To appease my conscience, I said out loud, “It will take us only a few minutes. Then all three of us will go to the mountain.”

She indicated where to turn and continued directing me along a sinuous route. She leaned forward and pointed her finger in the direction I should go. I couldn’t avoid looking at her, and I seemed to be seeing her, again, for the first time. Again I discovered her beauty, her youth. . a bit excessive for me, but that’s what it was all about. To be young again, “good and beautiful,” as she had said. She was mysterious, that little Nelly, her serenity and silence shielded some kind of secret that enthralled me. .

Here there is a blank in the story. I don’t know what happened in the following few minutes. Perhaps we never reached Amelina’s place, perhaps we got there and didn’t find her, or couldn’t rouse her. What I do know is that I suddenly found myself about a hundred feet below street level on the banks of a stream through a deep gorge that crosses the valley and the city longitudinally.
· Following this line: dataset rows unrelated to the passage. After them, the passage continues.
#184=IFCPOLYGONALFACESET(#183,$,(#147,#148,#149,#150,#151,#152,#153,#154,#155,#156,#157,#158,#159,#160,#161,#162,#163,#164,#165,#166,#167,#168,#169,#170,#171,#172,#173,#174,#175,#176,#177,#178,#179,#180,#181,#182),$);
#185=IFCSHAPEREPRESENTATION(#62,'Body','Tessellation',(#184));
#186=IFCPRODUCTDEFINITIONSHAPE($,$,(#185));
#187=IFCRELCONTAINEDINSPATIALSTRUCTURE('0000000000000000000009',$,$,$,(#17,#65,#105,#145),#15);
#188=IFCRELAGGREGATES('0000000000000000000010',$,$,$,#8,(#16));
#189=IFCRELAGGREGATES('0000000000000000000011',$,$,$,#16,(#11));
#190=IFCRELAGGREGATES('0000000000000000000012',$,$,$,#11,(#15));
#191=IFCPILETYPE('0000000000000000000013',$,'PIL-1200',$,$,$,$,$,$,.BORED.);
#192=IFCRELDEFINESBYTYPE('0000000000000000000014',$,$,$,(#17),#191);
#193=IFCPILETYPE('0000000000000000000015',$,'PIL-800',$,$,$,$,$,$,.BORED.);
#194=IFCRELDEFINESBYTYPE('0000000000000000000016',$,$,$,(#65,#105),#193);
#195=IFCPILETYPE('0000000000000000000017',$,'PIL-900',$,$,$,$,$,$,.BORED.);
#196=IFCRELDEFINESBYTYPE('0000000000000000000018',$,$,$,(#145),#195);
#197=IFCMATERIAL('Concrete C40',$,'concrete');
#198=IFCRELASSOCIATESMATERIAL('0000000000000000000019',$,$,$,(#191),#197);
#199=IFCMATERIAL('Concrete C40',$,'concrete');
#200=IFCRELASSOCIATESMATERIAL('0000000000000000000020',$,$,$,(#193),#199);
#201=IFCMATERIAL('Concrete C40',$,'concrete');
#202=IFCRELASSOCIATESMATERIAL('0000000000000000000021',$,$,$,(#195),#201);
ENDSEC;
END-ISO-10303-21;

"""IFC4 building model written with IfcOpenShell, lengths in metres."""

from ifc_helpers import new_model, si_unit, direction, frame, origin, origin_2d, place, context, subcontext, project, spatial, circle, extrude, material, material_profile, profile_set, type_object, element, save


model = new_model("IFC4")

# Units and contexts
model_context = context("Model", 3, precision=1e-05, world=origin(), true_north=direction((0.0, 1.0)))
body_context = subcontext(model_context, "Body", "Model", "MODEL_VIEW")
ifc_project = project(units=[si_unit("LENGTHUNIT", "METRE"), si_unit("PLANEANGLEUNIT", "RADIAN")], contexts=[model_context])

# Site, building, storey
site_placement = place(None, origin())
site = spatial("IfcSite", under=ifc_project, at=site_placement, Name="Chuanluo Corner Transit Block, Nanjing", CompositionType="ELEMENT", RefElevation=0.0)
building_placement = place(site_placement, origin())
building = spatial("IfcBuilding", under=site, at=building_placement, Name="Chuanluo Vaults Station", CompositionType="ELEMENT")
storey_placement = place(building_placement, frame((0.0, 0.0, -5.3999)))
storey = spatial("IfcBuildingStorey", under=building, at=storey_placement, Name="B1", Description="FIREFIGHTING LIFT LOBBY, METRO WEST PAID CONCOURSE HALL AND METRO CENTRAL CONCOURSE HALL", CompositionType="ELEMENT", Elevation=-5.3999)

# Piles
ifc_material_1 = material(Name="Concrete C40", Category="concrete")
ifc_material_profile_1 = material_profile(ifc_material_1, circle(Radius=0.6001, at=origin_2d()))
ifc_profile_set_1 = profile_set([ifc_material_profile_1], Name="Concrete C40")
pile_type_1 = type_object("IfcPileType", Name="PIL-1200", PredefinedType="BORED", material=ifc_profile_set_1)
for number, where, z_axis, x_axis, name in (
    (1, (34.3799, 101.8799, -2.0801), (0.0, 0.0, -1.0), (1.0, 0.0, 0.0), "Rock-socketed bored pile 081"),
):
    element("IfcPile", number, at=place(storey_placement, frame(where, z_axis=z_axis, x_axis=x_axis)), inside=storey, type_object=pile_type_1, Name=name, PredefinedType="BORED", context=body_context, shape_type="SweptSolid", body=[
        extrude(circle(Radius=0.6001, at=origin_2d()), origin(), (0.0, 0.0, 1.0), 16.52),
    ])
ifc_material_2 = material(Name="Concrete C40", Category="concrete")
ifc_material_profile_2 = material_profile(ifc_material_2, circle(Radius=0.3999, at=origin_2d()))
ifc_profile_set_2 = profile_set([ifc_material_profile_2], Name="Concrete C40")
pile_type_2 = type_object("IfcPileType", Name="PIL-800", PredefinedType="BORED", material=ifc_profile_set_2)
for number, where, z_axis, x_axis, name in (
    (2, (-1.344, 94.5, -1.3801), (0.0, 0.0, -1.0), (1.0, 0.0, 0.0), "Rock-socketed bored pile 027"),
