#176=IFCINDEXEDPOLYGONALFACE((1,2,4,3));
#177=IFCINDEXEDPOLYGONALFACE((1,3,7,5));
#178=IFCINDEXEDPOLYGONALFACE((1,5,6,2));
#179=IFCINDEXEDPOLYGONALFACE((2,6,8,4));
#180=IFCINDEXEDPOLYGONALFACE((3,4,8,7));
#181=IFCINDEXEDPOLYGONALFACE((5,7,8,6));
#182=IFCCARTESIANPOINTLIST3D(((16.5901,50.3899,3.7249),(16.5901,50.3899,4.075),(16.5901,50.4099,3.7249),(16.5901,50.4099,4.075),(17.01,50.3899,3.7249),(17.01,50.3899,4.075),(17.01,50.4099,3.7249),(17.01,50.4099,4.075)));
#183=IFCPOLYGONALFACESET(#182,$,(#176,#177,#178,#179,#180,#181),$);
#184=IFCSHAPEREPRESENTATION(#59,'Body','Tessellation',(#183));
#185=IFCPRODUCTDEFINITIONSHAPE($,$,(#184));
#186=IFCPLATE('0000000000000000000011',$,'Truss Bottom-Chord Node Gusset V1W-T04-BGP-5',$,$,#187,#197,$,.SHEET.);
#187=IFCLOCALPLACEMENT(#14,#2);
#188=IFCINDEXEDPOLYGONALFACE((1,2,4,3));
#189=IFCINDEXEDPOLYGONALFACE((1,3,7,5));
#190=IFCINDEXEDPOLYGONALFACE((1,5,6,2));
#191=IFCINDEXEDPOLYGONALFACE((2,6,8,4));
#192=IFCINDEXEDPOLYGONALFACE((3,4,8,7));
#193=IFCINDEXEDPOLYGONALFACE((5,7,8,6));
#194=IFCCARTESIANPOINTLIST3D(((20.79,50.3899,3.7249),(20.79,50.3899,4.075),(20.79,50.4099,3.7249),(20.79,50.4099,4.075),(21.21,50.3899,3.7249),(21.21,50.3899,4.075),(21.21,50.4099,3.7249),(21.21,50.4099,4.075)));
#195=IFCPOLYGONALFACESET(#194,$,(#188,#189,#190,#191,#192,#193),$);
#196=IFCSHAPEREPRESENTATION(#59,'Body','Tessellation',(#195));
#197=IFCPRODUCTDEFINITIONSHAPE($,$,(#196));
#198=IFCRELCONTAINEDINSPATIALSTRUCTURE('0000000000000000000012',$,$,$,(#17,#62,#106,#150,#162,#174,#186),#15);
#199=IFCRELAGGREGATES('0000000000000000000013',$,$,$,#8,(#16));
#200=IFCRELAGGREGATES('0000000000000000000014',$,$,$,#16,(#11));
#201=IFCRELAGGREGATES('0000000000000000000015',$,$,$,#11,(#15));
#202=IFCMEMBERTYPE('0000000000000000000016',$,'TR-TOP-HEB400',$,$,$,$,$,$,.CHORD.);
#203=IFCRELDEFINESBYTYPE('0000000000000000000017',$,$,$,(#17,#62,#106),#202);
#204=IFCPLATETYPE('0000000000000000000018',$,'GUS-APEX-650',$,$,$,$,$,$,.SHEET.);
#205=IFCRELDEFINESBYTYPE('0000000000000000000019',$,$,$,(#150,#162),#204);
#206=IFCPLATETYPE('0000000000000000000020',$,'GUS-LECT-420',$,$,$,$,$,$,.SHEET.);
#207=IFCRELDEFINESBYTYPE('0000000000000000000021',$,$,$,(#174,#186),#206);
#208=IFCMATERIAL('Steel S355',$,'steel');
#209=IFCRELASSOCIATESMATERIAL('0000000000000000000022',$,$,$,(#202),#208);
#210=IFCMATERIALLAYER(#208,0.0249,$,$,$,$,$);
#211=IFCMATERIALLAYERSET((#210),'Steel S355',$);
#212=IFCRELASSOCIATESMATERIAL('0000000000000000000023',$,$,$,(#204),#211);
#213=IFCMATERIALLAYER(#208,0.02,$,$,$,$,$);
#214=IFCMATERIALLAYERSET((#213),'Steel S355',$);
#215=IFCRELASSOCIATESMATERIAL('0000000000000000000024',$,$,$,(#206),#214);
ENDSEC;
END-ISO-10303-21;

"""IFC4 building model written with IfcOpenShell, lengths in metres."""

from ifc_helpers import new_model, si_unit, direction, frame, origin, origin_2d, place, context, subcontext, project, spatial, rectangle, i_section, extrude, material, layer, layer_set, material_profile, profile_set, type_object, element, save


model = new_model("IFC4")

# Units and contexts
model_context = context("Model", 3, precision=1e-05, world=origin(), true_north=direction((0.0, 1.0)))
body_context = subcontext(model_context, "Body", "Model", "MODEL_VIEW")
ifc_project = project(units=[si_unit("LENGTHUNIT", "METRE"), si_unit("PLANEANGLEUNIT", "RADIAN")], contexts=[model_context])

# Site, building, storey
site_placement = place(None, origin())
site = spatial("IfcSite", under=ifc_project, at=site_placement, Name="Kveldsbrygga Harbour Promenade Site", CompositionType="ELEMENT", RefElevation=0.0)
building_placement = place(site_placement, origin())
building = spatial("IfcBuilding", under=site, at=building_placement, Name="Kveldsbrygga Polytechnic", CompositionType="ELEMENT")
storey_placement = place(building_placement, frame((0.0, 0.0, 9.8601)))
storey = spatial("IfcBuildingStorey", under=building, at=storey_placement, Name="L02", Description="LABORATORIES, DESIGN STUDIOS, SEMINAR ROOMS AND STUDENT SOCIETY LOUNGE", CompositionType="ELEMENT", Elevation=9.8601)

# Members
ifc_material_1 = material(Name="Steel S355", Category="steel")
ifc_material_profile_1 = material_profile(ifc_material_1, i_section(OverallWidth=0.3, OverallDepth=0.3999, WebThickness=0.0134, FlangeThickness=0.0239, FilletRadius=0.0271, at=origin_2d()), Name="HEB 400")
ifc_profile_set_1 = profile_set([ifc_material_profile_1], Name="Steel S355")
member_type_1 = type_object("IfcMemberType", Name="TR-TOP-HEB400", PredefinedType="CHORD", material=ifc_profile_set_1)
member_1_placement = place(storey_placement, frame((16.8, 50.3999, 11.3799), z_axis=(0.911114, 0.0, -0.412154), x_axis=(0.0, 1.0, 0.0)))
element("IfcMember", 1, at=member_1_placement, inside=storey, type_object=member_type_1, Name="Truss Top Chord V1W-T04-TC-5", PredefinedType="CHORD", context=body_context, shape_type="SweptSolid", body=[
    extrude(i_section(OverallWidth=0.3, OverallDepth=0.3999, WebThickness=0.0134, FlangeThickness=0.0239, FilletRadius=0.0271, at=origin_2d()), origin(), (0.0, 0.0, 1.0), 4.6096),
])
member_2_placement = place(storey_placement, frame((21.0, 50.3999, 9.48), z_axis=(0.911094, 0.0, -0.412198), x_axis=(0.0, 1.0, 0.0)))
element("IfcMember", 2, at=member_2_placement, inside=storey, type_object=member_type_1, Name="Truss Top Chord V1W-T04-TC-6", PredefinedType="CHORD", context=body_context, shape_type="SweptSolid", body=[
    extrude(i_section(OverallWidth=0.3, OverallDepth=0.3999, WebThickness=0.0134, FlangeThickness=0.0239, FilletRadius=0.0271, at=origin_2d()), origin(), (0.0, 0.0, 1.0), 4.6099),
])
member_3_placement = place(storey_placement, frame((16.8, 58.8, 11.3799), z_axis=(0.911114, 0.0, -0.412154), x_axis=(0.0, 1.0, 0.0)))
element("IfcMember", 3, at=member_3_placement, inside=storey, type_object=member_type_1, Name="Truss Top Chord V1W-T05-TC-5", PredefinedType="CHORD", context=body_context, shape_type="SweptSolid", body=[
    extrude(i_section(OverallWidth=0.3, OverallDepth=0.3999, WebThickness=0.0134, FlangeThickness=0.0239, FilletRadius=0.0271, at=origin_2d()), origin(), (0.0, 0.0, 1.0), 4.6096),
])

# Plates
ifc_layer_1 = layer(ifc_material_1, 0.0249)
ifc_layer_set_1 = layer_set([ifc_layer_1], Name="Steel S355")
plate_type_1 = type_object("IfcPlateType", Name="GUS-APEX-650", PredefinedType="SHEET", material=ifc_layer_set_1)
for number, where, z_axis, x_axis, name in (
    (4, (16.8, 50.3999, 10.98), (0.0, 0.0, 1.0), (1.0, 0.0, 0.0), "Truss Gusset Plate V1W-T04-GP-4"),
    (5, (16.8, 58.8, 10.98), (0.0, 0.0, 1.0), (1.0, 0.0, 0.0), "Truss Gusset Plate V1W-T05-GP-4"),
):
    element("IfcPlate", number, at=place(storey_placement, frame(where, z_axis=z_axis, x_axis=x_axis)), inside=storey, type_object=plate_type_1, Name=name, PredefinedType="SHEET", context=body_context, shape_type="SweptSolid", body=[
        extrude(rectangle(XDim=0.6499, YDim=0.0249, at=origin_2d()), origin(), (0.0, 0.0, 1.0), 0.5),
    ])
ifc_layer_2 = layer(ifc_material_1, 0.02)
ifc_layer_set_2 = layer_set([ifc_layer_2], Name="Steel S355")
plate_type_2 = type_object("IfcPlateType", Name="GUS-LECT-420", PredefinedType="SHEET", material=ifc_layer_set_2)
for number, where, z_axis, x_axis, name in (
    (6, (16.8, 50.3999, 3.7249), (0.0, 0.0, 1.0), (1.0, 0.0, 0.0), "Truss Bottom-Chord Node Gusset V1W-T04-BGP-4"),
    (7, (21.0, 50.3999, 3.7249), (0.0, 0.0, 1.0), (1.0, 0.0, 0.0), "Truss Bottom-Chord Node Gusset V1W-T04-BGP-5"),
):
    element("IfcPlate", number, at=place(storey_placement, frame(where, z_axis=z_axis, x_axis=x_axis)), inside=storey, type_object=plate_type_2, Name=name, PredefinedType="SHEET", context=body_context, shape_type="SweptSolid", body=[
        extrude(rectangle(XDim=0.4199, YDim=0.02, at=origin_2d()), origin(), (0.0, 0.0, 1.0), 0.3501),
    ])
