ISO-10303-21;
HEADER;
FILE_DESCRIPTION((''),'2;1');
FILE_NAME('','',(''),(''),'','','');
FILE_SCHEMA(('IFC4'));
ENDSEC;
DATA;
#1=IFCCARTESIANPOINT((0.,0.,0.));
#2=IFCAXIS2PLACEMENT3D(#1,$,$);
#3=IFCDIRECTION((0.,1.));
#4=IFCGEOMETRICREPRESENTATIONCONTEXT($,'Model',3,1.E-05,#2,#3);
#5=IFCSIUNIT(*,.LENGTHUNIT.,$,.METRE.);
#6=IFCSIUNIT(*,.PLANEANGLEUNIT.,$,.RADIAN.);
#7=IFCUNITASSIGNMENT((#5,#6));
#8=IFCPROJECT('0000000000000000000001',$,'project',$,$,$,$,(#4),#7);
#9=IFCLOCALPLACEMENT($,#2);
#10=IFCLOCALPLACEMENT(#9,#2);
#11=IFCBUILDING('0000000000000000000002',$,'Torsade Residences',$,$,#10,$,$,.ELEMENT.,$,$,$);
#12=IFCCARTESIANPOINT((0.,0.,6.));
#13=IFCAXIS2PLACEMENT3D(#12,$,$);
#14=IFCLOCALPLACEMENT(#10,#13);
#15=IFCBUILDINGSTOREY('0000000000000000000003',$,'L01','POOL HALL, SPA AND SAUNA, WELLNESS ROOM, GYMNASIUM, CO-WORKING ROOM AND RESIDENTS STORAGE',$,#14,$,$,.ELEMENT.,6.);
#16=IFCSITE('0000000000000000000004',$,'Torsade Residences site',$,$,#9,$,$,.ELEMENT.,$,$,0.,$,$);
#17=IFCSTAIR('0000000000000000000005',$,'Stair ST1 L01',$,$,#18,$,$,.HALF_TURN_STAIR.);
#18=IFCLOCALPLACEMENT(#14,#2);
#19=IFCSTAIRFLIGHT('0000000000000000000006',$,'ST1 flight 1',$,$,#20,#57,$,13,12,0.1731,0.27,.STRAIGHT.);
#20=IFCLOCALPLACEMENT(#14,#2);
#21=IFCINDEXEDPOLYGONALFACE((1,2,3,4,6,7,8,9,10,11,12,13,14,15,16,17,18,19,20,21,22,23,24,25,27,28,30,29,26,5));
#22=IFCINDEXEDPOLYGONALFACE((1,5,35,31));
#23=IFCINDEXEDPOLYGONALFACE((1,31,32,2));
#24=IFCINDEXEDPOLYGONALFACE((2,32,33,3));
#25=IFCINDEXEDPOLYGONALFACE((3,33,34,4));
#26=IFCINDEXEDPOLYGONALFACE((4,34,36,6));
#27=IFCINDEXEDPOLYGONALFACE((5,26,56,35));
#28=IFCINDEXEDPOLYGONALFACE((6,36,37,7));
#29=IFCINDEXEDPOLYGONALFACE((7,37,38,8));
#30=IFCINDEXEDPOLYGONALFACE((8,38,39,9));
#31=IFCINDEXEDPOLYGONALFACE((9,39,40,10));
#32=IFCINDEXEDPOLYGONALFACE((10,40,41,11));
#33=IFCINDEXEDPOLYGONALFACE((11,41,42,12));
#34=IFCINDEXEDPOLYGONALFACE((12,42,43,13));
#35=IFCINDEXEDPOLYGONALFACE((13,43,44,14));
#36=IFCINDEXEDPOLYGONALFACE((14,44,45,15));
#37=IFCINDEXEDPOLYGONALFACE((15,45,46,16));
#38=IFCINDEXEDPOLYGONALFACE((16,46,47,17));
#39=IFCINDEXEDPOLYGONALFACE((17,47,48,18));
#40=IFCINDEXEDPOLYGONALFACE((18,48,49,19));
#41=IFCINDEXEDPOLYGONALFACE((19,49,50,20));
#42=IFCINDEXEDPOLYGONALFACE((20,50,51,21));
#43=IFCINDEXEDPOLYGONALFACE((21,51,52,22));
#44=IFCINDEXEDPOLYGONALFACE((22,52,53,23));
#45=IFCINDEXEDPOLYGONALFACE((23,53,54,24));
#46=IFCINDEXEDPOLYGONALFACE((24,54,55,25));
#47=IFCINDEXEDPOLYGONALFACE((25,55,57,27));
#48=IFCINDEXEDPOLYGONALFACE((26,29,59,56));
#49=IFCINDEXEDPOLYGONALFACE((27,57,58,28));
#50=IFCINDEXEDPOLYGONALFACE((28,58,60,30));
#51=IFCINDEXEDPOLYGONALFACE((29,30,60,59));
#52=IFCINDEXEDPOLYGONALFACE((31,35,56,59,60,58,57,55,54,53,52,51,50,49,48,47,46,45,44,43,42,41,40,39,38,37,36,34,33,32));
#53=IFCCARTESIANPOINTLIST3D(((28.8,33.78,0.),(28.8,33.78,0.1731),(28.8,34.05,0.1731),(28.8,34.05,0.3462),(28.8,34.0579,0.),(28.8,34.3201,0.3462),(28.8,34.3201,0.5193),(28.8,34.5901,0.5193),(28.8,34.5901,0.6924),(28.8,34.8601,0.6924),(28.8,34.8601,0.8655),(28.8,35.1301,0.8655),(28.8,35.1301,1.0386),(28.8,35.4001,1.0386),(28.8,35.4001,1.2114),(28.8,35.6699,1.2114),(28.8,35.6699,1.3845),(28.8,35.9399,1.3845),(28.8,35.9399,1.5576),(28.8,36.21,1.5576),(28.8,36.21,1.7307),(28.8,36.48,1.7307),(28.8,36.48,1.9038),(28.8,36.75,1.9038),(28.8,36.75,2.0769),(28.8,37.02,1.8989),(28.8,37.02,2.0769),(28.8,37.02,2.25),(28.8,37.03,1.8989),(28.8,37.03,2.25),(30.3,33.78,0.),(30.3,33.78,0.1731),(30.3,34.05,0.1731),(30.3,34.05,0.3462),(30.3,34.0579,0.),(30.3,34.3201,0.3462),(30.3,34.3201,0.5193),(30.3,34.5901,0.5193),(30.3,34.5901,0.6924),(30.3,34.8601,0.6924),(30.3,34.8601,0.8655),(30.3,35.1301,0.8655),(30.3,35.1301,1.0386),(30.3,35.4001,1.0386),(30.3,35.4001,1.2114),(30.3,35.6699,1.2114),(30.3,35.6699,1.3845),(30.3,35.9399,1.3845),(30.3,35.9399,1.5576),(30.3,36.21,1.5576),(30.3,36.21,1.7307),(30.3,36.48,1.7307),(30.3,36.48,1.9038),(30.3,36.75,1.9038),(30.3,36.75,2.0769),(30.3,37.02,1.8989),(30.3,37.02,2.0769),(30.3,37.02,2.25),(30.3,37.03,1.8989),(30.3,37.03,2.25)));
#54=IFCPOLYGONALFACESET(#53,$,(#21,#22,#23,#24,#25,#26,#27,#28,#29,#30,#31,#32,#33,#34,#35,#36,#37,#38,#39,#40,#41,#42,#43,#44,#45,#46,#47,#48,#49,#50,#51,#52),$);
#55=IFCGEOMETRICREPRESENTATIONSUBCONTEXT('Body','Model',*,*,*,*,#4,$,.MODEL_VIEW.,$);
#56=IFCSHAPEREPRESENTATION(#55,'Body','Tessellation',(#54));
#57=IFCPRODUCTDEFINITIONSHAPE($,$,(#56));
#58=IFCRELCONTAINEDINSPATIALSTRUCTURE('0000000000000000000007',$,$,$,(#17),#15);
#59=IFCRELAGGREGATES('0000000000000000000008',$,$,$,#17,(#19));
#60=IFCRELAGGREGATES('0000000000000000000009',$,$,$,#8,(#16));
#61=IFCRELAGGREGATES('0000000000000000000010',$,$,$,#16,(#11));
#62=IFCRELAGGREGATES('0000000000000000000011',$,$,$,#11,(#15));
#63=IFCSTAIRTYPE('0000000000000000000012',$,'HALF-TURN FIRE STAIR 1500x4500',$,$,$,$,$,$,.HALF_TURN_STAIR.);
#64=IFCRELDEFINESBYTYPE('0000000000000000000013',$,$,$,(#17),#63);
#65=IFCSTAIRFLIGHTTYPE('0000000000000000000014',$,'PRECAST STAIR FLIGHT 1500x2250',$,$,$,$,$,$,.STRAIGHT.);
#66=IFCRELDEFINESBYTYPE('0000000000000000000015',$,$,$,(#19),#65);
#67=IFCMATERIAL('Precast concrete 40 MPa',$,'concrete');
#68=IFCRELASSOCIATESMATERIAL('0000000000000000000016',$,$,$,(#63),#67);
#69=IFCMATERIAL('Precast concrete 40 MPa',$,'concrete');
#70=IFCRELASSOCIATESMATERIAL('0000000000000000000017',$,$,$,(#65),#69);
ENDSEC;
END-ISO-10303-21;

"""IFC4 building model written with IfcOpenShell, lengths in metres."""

from ifc_helpers import new_model, si_unit, direction, frame, origin, place, context, subcontext, project, spatial, polyline, outline, extrude, material, type_object, element, aggregate, save


model = new_model("IFC4")

# Units and contexts
model_context = context("Model", 3, precision=1e-05, world=origin(), true_north=direction((0.0, 1.0)))
body_context = subcontext(model_context, "Body", "Model", "MODEL_VIEW")
ifc_project = project(units=[si_unit("LENGTHUNIT", "METRE"), si_unit("PLANEANGLEUNIT", "RADIAN")], contexts=[model_context])

# Site, building, storey
site_placement = place(None, origin())
site = spatial("IfcSite", under=ifc_project, at=site_placement, Name="Torsade Residences site", CompositionType="ELEMENT", RefElevation=0.0)
building_placement = place(site_placement, origin())
building = spatial("IfcBuilding", under=site, at=building_placement, Name="Torsade Residences", CompositionType="ELEMENT")
storey_placement = place(building_placement, frame((0.0, 0.0, 6.0)))
storey = spatial("IfcBuildingStorey", under=building, at=storey_placement, Name="L01", Description="POOL HALL, SPA AND SAUNA, WELLNESS ROOM, GYMNASIUM, CO-WORKING ROOM AND RESIDENTS STORAGE", CompositionType="ELEMENT", Elevation=6.0)

# Stair, stair flight
ifc_material_1 = material(Name="Precast concrete 40 MPa", Category="concrete")
stair_type = type_object("IfcStairType", Name="HALF-TURN FIRE STAIR 1500x4500", PredefinedType="HALF_TURN_STAIR", material=ifc_material_1)
stair_placement = place(storey_placement, origin())
stair = element("IfcStair", 1, at=stair_placement, inside=storey, type_object=stair_type, Name="Stair ST1 L01", PredefinedType="HALF_TURN_STAIR")
ifc_material_2 = material(Name="Precast concrete 40 MPa", Category="concrete")
stair_flight_type = type_object("IfcStairFlightType", Name="PRECAST STAIR FLIGHT 1500x2250", PredefinedType="STRAIGHT", material=ifc_material_2)
stair_flight_placement = place(storey_placement, frame((29.55, 33.78, 0.0), z_axis=(0.0, 0.0, 1.0), x_axis=(0.0, 1.0, 0.0)))
stair_flight = element("IfcStairFlight", 2, at=stair_flight_placement, type_object=stair_flight_type, Name="ST1 flight 1", NumberOfRisers=13, NumberOfTreads=12, PredefinedType="STRAIGHT", RiserHeight=0.1731, TreadLength=0.27, context=body_context, shape_type="SweptSolid", body=[
    extrude(outline(polyline([(0.0, 0.0), (0.0, 0.1731), (0.27, 0.1731), (0.27, 0.3462), (0.54, 0.3462), (0.54, 0.5193), (0.8101, 0.5193), (0.8101, 0.6924), (1.0801, 0.6924), (1.0801, 0.8655), (1.3501, 0.8655), (1.3501, 1.0386), (1.6201, 1.0386), (1.6201, 1.2114), (1.8899, 1.2114), (1.8899, 1.3845), (2.1599, 1.3845), (2.1599, 1.5576), (2.4299, 1.5576), (2.4299, 1.7307), (2.7, 1.7307), (2.7, 1.9038), (2.97, 1.9038), (2.97, 2.0769), (3.24, 2.0769), (3.24, 2.25), (3.25, 2.25), (3.25, 1.8989), (3.24, 1.8989), (0.2778, 0.0), (0.0, 0.0)])), frame((0.0, 0.75, 0.0), z_axis=(0.0, -1.0, 0.0), x_axis=(1.0, 0.0, 0.0)), (0.0, 0.0, 1.0), 1.5),
])
aggregate(stair, [stair_flight])

save(model, "model.ifc")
Behind me, far above, was the viaduct, the most centrally located bridge connecting the two sides of the gorge. A large crowd had gathered on the other side and was watching me. In front of me, almost perfectly still, was a worm. He was little more than fifty feet away. Apparently the monster had rolled there: his descent had been brutal, judging from what he had left in his wake: fallen trees, houses smashed to smithereens. His congeners must have been surrounding the city in a deadly grip. I looked around. The balconies of the buildings along the edge of the gorge were full of people, eager to witness the confrontation. I recognized the Nancy Building, whose pinkish walls emitted an opaque hue that tinged everybody with their color.